I laughed, “You’re welcome.” I love when clients function better.

RECEIVING CAN BE A SPECIAL FORM OF GIVING
 

When Nicolle and Phillip returned for their following session we had a lot to talk about. They had been busy since our last meeting. One afternoon Nicolle and Phillip had sex. There was a heightened sense of connection and purpose as they went into the bedroom. They did
heads on pillows
and things felt good between them. Then Phillip went down on Nicolle. She thought back to our discussion about who received first, but
she didn’t make an issue of it. She wanted this to be a good experience for both of them.

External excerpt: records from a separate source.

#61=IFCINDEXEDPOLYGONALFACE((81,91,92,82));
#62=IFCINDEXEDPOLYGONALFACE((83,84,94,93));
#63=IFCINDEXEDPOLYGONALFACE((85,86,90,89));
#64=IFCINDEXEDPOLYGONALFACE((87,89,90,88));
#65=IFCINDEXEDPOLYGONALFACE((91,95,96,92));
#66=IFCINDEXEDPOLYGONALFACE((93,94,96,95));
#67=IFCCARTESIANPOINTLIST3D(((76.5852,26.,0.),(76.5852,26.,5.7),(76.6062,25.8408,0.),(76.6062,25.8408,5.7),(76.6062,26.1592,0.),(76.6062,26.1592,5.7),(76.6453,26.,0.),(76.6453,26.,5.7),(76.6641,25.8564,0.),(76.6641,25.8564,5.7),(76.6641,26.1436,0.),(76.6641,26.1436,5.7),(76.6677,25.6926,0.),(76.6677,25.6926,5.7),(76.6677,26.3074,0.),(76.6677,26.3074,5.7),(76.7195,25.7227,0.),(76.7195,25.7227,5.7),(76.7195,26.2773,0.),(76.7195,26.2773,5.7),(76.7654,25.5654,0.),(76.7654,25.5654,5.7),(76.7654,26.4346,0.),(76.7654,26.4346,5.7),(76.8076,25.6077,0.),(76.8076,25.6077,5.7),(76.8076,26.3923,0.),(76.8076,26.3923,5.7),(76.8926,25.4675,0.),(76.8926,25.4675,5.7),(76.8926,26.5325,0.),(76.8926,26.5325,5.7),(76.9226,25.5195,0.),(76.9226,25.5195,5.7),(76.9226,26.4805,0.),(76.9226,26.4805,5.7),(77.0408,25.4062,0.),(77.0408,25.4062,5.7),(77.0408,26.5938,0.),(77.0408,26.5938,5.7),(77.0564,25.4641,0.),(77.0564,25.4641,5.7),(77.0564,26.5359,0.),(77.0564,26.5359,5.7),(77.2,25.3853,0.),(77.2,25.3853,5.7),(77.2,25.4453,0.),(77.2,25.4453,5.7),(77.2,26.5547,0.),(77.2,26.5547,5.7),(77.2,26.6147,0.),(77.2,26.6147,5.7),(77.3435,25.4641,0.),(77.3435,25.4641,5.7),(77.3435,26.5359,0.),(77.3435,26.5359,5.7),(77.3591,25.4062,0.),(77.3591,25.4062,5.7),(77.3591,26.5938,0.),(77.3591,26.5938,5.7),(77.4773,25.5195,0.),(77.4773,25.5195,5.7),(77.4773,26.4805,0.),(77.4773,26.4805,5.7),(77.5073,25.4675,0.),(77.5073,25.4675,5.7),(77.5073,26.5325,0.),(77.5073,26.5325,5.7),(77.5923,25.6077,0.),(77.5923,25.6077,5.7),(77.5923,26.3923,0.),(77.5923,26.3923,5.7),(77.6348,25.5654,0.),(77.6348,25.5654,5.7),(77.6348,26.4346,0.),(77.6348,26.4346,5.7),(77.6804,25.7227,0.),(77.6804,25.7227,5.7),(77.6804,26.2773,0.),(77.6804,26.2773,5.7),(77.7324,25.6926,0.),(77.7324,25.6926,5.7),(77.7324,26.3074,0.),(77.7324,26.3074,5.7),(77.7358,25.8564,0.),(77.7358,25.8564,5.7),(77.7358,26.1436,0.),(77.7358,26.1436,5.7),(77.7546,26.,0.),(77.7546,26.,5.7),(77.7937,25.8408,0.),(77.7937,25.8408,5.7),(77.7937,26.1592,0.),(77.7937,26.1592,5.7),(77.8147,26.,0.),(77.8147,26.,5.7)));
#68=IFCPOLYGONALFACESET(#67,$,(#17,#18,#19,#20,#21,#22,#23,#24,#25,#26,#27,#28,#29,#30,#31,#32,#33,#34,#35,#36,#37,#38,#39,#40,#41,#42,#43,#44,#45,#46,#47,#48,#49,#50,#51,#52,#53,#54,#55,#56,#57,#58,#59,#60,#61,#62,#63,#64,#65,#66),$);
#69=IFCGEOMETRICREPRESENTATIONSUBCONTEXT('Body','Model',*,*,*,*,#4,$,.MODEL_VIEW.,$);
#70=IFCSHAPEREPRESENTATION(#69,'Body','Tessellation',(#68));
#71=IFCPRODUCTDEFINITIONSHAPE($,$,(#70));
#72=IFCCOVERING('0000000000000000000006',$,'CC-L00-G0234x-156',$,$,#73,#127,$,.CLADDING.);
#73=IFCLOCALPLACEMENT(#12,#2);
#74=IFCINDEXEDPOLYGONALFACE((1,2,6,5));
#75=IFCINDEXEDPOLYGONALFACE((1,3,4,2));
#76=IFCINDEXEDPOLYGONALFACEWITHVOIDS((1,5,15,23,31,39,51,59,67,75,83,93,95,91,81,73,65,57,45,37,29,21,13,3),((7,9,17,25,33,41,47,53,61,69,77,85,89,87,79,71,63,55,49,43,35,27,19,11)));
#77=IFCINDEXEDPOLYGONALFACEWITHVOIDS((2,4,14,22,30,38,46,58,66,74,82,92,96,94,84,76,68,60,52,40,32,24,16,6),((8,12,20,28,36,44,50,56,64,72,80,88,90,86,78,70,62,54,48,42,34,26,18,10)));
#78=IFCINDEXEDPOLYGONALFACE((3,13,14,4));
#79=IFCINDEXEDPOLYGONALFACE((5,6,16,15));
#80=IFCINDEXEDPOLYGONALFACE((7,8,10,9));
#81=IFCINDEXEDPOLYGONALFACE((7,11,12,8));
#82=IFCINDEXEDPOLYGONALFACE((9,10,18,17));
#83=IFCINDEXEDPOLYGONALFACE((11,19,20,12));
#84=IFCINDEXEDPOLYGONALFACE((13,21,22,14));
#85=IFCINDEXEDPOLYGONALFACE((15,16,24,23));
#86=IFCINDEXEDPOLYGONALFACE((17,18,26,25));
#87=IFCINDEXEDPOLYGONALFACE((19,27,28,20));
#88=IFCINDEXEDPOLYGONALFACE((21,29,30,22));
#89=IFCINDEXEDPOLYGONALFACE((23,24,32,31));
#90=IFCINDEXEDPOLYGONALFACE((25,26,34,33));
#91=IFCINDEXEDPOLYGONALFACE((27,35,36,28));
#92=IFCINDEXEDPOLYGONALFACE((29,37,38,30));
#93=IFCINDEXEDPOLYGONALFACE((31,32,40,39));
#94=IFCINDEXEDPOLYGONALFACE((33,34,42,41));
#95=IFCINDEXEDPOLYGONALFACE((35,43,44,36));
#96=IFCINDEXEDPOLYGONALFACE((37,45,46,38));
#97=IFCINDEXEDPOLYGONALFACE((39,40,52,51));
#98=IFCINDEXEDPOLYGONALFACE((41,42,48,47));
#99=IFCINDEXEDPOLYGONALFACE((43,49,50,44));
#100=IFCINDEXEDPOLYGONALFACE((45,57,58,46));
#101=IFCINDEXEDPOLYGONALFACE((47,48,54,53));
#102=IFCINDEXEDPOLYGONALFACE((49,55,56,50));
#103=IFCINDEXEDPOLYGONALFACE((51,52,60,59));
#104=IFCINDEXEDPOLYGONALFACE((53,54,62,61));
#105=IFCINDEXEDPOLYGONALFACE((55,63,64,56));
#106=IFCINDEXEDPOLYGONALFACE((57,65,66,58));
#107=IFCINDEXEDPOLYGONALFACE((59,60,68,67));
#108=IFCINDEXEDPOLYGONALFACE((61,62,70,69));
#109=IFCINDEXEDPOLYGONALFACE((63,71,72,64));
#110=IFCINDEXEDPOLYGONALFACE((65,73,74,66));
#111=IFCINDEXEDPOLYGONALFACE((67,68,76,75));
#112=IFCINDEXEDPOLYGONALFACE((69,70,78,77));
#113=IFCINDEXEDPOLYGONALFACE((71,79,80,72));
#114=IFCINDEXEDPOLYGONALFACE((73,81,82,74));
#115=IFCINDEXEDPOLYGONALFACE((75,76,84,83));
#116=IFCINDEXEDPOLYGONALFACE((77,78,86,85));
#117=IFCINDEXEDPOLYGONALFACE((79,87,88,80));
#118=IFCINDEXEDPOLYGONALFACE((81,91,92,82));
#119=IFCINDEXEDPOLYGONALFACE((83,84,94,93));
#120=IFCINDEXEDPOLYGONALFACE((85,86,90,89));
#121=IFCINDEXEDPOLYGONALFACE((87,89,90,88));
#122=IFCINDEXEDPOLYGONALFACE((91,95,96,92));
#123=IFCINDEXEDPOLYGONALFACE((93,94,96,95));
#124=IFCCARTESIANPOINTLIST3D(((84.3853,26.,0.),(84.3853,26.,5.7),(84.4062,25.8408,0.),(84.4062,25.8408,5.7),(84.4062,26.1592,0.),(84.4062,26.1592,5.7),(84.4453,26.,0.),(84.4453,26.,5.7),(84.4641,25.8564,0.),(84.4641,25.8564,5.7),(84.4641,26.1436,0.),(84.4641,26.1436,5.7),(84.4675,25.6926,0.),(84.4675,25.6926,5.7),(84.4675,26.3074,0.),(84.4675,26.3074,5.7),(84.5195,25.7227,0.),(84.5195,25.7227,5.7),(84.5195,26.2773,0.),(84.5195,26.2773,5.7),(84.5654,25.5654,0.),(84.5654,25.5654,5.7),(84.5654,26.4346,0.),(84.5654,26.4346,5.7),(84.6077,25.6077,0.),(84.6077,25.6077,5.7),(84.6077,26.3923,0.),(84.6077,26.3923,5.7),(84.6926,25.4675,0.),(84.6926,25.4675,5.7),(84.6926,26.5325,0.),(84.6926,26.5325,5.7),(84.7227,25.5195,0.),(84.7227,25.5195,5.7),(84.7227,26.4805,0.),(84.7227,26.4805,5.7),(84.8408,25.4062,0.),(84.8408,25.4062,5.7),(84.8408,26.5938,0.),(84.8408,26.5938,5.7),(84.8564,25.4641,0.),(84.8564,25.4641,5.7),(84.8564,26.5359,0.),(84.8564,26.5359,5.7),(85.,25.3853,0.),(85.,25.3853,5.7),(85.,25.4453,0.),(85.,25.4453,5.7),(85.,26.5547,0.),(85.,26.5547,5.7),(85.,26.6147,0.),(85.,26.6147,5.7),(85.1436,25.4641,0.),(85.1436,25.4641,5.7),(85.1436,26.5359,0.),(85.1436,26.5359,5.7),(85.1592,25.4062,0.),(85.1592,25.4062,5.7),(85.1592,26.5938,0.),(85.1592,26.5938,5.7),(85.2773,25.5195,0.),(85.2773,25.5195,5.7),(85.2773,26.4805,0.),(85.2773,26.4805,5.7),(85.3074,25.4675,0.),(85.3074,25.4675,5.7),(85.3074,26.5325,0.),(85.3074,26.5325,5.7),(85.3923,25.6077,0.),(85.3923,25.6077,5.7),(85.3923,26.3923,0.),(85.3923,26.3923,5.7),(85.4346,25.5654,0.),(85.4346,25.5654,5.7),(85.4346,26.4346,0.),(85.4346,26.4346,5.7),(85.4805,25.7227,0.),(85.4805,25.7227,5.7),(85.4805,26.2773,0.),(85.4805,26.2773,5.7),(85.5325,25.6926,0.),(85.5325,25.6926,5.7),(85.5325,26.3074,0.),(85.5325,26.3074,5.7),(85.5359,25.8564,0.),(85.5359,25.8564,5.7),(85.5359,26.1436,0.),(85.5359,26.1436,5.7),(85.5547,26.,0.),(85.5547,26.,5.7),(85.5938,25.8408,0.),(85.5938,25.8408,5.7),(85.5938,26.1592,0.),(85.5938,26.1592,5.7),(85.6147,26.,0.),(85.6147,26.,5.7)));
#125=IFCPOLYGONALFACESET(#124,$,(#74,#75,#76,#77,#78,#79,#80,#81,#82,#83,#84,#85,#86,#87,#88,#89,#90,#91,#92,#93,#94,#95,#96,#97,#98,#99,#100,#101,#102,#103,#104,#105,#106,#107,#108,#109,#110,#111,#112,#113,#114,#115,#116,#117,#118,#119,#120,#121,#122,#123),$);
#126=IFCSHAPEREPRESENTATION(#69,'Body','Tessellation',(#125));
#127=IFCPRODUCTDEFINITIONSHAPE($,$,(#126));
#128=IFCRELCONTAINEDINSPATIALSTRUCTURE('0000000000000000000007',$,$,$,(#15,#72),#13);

Nicolle tried to focus her mind and not let it wander off. She still had intrusive worries that she wouldn’t reach orgasm anyway. She brought herself back into the present by opening her eyes and looking at Phillip. This was the first time in all their years together that Nicolle had watched him give her oral sex. It was sexy, and she felt very adult. Nicolle thought,
Phillip looks like he’s really enjoying himself
. Right then, Phillip smiled at her. The impact was amazing.

As Nicolle described it, a jolt of energy went from Phillip’s mind through his eyes to Nicolle’s eyes and into her brain. Another jolt went through his tongue to her clitoris and up her spine to her brain. Nicolle was fully engrossed in their moment of meeting. She raised her head so she could see Phillip better. After a few minutes, she relaxed her neck and let her head hang back. Her neck was stretched and her throat was open. Phillip licked her clitoris and she thought,
By God
, this
is what collaborative alliances are all about!

Nicolle was highly aroused. She let Phillip fuck her, and she loved it. She was proud of herself. This was her first real experience with being fucked during oral sex. This time she didn’t stop Phillip. She would have preferred having an orgasm this way, but she couldn’t quite organize all these new stimuli to make that happen. In some ways this was bigger. She knew what orgasms felt like. Being fucked was more exotic.

Phillip knew Nicolle was making progress because he really enjoyed giving her oral sex this time.
This
was what he wanted to feel with Nicolle all along. In retrospect Phillip realized that he wanted to fuck Nicolle, and he wanted to feel her allowing herself to be fucked. He wanted to see the eroticism she hid in the secret parts of her mind. He had vaguely known about Nicolle’s prior promiscuity, and he’d always wondered what she was like in bed back then.

When it was Phillip’s turn to receive, Nicolle expected to give to him the blow job of his life. She made moves to go down on him, but he stopped her and positioned her for intercourse. Nicolle said she wanted to give him oral sex, but Phillip said he wanted intercourse. Nicolle hesitated
for a moment because she was mapping Phillip’s mind: He was avoiding taking a turn receiving.